Data Mining: Practical Machine Learning Tools and Techniques (Ian Witten. Morgan Kaufmann 2011). A basic introduction to data mining. It uses Weka rather than R.

Introduction to Data Mining (Pang-Ning Tan, Michael Steinbach, Vipin Kumar. Addison Wesley 2005). A very accessible, yet comprehensive introduction to data mining. It requires only a minimal mathematical background, and includes data pre- and post-processing. Used as the textbook for Machine Learning 101 and 102 taught at the Hacker Dojo.

Regression, ANOVA, Statistics

Applying Regression and Correlation: A Guide for Students and Researchers (Dr. Jeremy Miles, Dr. Mark Shevlin. Sage 2000). A lovely introduction to regression, targeted to the non-mathematician. I enjoy how it starts by showing how the mean is a least-squares model: the mean minimizes the sum of squared residuals. Starting with the mean and progressing to simple linear regression makes it easier to understand multiple regression. This approach also makes it easier to see analysis of variance (ANOVA) as a form of regression.

Nonlinear Regression with R (Christian Ritz, Jens Carl Streibig. Springer 2008). This book focuses on nonlinear regression, going into deep practical detail about the R functions nls() and model diagnostics. It is not a book on theory. It is designed for self study for those familiar with, but not yet experts in regression and R.

Statistical Methods, 8th Edition (George Snedecor, William Cochran. Iowa State University Press 1989). A classic, covering the basics from a very practical perspective.
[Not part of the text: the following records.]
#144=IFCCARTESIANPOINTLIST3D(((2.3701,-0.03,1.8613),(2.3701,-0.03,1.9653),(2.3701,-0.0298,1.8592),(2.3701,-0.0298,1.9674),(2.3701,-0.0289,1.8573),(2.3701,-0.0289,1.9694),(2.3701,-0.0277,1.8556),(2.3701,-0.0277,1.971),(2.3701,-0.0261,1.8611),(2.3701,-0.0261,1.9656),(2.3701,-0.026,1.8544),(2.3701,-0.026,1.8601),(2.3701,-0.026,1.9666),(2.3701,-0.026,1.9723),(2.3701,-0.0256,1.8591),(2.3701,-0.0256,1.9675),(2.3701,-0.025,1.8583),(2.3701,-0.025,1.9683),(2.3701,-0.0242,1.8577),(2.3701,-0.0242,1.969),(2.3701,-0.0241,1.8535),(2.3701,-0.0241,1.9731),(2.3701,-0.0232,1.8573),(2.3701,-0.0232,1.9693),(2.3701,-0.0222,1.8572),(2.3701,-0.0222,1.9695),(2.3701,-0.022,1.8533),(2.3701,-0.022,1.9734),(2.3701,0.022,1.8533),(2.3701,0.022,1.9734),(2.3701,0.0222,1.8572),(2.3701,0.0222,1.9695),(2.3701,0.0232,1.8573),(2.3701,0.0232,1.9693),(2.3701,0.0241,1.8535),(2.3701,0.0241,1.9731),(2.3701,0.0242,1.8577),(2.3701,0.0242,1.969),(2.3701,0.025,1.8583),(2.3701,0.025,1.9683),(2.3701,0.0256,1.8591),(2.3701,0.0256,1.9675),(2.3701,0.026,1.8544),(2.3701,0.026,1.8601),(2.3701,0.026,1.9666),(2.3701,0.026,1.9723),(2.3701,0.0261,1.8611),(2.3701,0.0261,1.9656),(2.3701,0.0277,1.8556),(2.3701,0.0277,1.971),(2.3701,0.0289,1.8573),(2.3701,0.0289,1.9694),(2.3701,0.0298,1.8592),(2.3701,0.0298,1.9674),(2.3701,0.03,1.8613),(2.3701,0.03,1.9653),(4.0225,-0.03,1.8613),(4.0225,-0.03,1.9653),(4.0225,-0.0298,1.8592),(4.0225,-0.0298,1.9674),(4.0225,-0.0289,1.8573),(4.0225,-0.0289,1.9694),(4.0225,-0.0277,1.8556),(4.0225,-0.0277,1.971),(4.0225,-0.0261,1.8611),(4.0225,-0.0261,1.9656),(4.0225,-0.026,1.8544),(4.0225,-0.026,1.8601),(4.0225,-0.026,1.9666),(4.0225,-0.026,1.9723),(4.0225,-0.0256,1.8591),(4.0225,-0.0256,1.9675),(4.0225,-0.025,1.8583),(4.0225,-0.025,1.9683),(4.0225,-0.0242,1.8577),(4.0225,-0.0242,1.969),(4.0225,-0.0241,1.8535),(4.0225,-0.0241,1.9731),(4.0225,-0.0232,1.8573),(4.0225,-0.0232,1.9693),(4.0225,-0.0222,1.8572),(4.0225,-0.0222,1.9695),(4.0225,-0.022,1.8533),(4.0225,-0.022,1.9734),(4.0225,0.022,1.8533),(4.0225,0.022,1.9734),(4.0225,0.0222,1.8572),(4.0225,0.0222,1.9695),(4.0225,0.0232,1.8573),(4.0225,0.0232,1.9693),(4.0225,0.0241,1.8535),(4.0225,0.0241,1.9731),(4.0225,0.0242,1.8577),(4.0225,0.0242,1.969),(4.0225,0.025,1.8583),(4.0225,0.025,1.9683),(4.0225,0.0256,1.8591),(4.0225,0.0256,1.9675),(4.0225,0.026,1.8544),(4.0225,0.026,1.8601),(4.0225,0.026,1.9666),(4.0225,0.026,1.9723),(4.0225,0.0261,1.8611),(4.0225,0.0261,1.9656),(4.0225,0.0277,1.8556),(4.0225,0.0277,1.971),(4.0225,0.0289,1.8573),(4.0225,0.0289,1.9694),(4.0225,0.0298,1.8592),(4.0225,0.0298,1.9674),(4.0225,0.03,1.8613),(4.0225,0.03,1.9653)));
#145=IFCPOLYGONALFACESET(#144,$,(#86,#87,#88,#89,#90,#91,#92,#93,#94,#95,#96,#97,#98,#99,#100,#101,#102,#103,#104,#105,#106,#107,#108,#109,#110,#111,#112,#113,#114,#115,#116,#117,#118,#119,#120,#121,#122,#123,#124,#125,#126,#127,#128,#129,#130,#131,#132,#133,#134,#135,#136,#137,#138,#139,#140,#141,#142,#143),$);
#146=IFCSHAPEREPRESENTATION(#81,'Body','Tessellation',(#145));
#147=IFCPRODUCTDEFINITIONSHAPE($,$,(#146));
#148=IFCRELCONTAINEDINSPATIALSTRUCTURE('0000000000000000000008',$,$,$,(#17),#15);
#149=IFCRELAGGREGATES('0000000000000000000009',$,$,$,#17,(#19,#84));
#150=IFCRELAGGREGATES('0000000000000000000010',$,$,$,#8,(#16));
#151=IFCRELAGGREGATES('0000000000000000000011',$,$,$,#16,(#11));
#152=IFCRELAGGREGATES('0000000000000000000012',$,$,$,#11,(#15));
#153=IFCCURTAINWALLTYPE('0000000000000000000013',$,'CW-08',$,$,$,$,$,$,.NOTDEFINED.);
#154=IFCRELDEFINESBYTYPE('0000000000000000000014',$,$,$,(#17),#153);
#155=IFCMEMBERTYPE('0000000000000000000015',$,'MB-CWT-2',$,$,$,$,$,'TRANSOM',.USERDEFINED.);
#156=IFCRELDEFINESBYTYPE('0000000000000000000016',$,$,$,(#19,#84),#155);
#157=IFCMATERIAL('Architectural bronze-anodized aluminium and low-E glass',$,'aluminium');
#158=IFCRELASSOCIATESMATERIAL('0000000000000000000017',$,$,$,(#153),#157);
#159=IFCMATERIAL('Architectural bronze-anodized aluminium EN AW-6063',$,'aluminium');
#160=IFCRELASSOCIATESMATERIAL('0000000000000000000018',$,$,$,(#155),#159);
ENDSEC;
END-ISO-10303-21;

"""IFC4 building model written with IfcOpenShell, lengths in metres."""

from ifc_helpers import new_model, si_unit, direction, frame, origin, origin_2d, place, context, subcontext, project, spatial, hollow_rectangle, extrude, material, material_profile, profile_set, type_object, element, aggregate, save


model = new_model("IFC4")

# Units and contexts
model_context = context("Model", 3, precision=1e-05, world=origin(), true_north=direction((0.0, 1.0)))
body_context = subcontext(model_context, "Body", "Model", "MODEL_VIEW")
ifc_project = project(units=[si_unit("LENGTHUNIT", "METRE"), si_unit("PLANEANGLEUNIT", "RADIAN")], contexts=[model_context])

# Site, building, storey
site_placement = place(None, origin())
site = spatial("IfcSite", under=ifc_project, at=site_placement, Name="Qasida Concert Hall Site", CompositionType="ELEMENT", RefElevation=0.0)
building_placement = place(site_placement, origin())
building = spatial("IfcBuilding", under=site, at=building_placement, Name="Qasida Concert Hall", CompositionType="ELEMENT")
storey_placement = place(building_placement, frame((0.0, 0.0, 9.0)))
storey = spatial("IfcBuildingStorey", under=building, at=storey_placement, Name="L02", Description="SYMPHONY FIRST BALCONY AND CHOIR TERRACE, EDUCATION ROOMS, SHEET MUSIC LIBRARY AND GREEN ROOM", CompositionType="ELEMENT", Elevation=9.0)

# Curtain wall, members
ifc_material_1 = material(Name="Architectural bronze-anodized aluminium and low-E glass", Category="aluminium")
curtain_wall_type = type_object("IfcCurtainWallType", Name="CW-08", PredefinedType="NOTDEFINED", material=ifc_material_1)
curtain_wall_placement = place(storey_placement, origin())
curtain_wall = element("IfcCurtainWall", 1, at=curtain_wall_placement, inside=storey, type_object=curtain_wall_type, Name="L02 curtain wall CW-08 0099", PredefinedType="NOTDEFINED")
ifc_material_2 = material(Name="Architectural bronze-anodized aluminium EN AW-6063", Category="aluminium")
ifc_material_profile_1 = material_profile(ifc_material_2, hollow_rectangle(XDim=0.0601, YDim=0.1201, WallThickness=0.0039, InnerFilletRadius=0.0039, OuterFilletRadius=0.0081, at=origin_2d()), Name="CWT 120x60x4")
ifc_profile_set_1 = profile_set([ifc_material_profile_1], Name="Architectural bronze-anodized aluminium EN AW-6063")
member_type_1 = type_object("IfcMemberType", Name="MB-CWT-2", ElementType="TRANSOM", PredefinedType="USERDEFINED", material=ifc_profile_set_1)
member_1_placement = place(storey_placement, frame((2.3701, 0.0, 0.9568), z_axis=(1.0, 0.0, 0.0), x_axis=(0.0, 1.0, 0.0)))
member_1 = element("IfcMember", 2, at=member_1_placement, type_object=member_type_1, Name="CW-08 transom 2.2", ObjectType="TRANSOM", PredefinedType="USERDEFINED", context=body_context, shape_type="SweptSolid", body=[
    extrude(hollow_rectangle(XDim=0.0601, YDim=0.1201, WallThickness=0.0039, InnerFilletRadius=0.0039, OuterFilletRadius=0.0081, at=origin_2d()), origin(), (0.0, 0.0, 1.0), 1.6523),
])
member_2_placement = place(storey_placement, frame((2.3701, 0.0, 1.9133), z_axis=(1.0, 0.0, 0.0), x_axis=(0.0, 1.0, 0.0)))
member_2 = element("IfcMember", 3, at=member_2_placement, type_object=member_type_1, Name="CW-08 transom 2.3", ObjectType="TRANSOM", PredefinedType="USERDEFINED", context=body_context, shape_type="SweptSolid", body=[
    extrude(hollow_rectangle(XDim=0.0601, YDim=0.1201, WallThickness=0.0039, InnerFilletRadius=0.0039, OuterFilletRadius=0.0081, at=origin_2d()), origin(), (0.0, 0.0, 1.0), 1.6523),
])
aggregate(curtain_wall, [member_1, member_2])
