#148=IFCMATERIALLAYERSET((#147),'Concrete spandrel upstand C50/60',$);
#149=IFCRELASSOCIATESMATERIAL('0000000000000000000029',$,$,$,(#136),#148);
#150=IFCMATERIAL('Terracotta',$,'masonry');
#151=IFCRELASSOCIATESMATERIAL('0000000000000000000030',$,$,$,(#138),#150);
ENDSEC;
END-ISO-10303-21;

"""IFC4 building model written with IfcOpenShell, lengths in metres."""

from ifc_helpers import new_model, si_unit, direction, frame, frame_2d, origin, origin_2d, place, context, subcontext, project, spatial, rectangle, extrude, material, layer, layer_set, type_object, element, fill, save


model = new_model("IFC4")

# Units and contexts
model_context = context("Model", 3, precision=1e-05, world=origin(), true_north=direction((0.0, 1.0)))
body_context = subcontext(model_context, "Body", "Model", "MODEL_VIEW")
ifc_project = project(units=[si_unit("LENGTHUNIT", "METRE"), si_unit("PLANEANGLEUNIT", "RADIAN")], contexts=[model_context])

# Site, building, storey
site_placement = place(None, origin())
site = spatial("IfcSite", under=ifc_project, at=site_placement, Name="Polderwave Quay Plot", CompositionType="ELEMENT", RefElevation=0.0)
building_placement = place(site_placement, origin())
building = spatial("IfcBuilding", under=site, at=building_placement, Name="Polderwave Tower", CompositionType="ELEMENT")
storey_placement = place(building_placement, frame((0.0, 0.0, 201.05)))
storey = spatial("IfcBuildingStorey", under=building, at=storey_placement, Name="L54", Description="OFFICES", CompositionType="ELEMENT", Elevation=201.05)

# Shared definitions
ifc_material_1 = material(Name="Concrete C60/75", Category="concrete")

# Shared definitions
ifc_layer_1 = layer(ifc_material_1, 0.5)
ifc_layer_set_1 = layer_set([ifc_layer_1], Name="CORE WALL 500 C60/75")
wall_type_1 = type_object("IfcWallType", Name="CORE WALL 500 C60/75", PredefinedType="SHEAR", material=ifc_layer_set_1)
Analysis of Variance (Henry Scheffé. Wiley 1959). A complete mathematical foundation for the analysis of variance; another classic. It assumed the reader is comfortable with calculus and linear algebra. It is designed for self-study.

Applications

Profiles in Performance: Business Intelligence Journeys and the Roadmap for Change (Howard Dresner, Wiley 2009). While not a book on data mining per se, it outlines the organizational issues necessary for success with business intelligence technologies. He defines four levels of organizational maturity as measured by six "performance-directed culture criteria." These include "transparency and accountability", and "availability and currency of information." The book is based on very detailed, insightful, and inspiring case studies.

Smart Enough Systems: How to Deliver Competitive Advantage by Automating Hidden Decisions
(James Taylor, Neil Raden. Prentice Hall 2007), This book focuses on the small descions made every day by an organization, such as those made by front-line customer service representatives. While each of these decissins may be very small, their cumulative effect is greater than the strategic descions that get most upper management attention. The author advocates for "enterprise decision management" to optimize precision, consistency, agility, and speed of these routine operational decisions. This can be accomplished by making suitable predictive models easily available and automatic.

PMML in Action (Alex Guazzelli, Wen-Ching Lin, Tridivesh Jena. CreateSpace 2010), The Predictive Model Markup Language (PMML) is an industry standard way of sharing predictive models between software applications. This book provides very practical advice for using and understanding PMML illustrated with thorough examples.